Mas acho que estamos muito pra baixo nos textos, precisando ler um romance inquietante ou um Guimarães Rosa pra inventar o paralelo... Gozar.

Beijos

Esta crônica começa assim, meio sem saber para onde ir, procurando a história, fuçando mais um domingo amanhecido pra gente viver. Talvez, morrer não seja ruim quando é tempo. Mas padecer menino, depois de cair do 9º andar em Recife, feito um Miguel sem asas?

Queria encarnar Diadorim e Riobaldo, ter a dúvida amorosa em rebuliço do corpo precisado. Um amor jagunço num refresco de riachão mineiro ou nas águas das Batateiras no Crato.

Viver presente é o que cada dia quer da gente. Sem o alvoroço pandêmico de mais de 35 mil mortos (até a noite da seta-feira) e os brasileiros já quase nem aí para quem foi retirado. Como se morrer de Covid-19 já fizesse parte da lista deus-querente das coisas.

Ninguém espera a morte de ninguém. Não se posta à mesa bolo nem flores nem a melhor louça nem a convida para se sentar. Ela que vem. Não é birra contra a moça do fim de tudo, é só cuidado em não a naturalizá-la num tempo que não era para ser.

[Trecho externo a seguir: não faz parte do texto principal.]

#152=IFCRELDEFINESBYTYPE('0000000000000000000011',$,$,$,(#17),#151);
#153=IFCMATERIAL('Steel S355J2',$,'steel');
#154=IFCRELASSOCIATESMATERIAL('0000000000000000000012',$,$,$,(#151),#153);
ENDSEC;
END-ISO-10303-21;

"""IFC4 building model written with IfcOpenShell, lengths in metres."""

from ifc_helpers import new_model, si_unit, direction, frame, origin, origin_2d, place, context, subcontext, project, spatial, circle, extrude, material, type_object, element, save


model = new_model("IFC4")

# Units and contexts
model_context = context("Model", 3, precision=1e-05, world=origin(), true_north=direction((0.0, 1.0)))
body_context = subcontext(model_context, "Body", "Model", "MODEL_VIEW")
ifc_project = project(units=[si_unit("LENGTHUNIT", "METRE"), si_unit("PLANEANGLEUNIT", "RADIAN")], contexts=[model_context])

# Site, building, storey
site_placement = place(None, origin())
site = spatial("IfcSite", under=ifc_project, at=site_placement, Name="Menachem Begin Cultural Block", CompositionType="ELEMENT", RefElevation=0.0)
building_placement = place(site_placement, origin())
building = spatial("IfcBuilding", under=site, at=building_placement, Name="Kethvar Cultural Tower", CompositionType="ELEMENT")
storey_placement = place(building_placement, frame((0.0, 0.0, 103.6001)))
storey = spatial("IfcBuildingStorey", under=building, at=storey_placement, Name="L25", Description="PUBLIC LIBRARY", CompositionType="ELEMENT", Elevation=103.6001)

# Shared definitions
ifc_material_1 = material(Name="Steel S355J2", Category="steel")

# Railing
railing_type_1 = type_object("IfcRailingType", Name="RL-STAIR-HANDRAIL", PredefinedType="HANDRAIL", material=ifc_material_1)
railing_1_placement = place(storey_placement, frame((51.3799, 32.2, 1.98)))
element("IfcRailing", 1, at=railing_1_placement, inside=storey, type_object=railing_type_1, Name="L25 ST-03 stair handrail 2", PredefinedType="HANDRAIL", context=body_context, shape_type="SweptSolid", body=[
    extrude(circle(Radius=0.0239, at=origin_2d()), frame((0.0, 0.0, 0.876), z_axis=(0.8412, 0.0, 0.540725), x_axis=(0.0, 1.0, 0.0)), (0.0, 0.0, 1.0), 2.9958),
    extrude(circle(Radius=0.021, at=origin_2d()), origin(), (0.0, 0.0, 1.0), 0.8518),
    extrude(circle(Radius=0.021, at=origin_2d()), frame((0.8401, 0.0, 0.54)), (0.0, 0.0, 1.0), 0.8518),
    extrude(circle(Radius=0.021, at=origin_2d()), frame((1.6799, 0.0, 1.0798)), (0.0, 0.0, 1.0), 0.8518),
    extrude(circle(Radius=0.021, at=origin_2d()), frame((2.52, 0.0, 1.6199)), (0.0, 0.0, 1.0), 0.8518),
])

Até hoje penso no povo que sumiu no voo 447 da Air France. Entre o Rio e Paris não há glamour, só espanto pelo paradeiro de 228 pessoas no mar sem fim do Atlântico. Assim, não é doce morrer no mar.

E havia, em meus assombros de menino, uma recorrente procissão de almas descendo a serra da Aratanha, na Pacatuba. Pedindo, em sonho, uma dança de São Gonçalo porque findaram em pedaços as 137 pessoas do Vasp 168. Uma quimera ainda hoje para mim.

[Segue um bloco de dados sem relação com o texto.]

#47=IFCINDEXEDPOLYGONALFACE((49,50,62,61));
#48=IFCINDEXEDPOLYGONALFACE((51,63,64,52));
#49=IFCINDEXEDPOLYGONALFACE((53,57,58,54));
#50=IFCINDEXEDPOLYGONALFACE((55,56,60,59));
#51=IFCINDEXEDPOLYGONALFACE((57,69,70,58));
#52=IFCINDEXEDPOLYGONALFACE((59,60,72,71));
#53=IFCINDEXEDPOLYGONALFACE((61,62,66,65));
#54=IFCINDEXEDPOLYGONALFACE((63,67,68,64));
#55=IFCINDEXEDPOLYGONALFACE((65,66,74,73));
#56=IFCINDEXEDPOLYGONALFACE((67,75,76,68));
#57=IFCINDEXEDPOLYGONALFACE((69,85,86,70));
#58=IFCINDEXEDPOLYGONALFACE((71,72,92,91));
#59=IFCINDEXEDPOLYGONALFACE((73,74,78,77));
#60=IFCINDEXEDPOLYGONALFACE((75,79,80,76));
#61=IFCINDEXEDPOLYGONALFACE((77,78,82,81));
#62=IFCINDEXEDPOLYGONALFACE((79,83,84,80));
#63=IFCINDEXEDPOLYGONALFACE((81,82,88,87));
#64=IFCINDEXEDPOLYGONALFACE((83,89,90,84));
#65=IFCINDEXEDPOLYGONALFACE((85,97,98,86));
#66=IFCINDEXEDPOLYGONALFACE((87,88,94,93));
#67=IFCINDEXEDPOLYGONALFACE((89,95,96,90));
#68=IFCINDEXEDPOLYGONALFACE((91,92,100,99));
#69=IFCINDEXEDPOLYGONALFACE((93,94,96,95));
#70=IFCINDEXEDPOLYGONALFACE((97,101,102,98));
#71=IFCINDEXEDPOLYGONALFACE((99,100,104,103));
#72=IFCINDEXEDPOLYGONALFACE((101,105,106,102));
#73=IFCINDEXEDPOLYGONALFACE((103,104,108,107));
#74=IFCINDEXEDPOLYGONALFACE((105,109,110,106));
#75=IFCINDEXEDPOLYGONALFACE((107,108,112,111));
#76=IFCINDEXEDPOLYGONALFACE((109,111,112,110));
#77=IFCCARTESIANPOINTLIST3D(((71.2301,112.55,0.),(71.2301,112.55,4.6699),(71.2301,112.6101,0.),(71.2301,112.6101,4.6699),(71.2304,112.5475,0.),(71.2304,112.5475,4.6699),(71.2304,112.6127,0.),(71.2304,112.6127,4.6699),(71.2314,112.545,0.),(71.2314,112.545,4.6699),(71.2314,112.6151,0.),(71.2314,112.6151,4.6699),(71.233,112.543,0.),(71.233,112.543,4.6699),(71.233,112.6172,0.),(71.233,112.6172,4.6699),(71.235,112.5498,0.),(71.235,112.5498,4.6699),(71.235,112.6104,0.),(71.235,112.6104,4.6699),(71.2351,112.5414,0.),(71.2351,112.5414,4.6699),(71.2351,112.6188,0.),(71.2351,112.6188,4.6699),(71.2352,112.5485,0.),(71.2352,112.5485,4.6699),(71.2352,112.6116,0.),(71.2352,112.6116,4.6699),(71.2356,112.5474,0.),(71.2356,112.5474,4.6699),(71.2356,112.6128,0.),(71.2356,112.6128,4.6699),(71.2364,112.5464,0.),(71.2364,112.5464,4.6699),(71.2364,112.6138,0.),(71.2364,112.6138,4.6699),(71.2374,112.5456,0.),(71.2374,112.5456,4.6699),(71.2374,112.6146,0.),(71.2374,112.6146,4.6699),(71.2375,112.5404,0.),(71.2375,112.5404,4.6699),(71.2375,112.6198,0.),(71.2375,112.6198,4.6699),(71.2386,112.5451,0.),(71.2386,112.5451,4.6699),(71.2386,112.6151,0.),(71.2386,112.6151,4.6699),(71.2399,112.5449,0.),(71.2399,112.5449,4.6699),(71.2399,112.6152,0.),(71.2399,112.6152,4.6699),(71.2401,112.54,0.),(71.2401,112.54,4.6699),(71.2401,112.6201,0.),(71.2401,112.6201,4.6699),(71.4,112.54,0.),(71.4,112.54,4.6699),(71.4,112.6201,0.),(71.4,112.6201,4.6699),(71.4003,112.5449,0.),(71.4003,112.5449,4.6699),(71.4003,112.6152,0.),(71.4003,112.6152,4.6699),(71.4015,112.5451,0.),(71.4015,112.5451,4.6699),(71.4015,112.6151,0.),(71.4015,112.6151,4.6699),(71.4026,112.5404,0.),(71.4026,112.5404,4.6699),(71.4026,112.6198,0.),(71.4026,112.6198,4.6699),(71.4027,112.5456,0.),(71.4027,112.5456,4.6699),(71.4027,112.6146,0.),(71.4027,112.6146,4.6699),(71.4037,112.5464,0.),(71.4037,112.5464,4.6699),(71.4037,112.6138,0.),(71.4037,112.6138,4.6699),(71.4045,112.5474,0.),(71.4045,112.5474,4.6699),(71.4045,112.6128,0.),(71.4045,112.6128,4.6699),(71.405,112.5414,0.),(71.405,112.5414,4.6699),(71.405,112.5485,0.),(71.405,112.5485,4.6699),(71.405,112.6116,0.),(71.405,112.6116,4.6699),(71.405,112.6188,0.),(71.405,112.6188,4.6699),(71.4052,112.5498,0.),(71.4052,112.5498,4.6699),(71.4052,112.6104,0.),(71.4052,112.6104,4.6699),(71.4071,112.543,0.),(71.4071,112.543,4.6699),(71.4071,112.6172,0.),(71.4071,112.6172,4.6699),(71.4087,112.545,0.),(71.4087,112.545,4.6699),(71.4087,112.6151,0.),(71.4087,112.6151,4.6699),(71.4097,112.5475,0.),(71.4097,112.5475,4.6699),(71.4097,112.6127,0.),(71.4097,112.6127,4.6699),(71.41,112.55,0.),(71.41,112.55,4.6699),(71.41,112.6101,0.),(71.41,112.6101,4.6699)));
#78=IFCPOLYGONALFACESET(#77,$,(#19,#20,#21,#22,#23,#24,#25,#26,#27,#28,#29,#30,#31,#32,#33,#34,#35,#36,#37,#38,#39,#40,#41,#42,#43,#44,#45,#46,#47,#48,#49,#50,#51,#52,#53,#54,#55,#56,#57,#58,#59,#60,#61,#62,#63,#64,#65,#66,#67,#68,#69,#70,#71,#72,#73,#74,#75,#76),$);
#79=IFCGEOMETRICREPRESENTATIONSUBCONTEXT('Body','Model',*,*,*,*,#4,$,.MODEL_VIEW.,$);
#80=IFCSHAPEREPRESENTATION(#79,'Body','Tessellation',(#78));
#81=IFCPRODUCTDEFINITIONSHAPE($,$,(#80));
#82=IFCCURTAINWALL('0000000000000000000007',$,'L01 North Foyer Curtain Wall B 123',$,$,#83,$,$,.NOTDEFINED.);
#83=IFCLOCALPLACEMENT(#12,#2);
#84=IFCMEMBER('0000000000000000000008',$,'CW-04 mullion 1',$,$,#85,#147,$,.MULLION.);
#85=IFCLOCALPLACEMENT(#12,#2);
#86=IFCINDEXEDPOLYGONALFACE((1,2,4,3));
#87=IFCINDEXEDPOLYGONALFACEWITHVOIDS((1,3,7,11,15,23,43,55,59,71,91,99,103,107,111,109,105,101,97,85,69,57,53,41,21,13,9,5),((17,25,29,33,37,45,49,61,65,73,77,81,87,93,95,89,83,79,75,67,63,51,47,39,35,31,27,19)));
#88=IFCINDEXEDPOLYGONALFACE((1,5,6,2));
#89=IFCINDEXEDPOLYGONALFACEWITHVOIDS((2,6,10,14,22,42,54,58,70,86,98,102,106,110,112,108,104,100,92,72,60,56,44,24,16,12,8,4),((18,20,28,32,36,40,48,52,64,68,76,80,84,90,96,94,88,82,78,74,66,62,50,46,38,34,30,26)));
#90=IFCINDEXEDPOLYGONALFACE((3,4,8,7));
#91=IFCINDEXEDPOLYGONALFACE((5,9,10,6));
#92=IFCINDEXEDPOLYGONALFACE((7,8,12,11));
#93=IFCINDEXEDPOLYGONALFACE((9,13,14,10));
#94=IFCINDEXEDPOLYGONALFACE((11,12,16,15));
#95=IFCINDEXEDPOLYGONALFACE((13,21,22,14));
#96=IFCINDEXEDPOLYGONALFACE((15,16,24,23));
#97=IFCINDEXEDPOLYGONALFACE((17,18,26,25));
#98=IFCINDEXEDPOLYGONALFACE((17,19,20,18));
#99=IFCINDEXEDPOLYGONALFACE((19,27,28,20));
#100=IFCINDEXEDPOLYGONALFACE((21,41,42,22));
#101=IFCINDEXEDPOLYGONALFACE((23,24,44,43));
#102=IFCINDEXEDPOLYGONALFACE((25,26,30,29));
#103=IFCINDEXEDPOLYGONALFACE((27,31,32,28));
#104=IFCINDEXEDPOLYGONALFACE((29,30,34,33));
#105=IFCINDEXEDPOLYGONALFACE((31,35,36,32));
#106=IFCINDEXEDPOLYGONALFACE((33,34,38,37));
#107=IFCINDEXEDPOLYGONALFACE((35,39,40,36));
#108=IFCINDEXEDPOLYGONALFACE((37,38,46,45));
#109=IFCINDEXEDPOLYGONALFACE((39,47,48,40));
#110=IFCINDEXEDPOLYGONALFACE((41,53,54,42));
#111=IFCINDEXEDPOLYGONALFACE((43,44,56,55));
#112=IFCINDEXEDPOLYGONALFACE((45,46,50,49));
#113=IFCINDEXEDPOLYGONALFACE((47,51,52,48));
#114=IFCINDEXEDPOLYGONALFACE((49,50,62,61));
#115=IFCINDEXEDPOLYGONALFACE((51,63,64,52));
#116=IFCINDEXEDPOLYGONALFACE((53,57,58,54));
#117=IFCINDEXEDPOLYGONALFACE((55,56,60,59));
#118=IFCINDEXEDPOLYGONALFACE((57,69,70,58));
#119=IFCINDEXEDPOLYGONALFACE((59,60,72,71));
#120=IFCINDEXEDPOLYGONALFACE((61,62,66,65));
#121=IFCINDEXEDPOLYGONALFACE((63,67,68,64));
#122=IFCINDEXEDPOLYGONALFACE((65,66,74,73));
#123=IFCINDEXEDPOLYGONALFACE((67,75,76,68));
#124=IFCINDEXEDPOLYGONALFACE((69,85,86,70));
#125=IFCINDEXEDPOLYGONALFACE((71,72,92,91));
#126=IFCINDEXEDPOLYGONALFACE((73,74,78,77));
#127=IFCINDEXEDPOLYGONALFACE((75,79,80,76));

Morreu até o São João na rua e o cordelista Arievaldo Viana. O moço que escrevia rimados sobre a história da noiva que escapuliu ao pular a fogueira quando viu que o noivo dava coice e não sabia dançar sanfona.

Não ter o chão junino nem bandeirinhas e morrer, repentino, o rapaz da poesia? Ainda fico absorto a tragédia em série. Não dá para se acostumar com quem é bolsonarista e desdenha da morte alheia.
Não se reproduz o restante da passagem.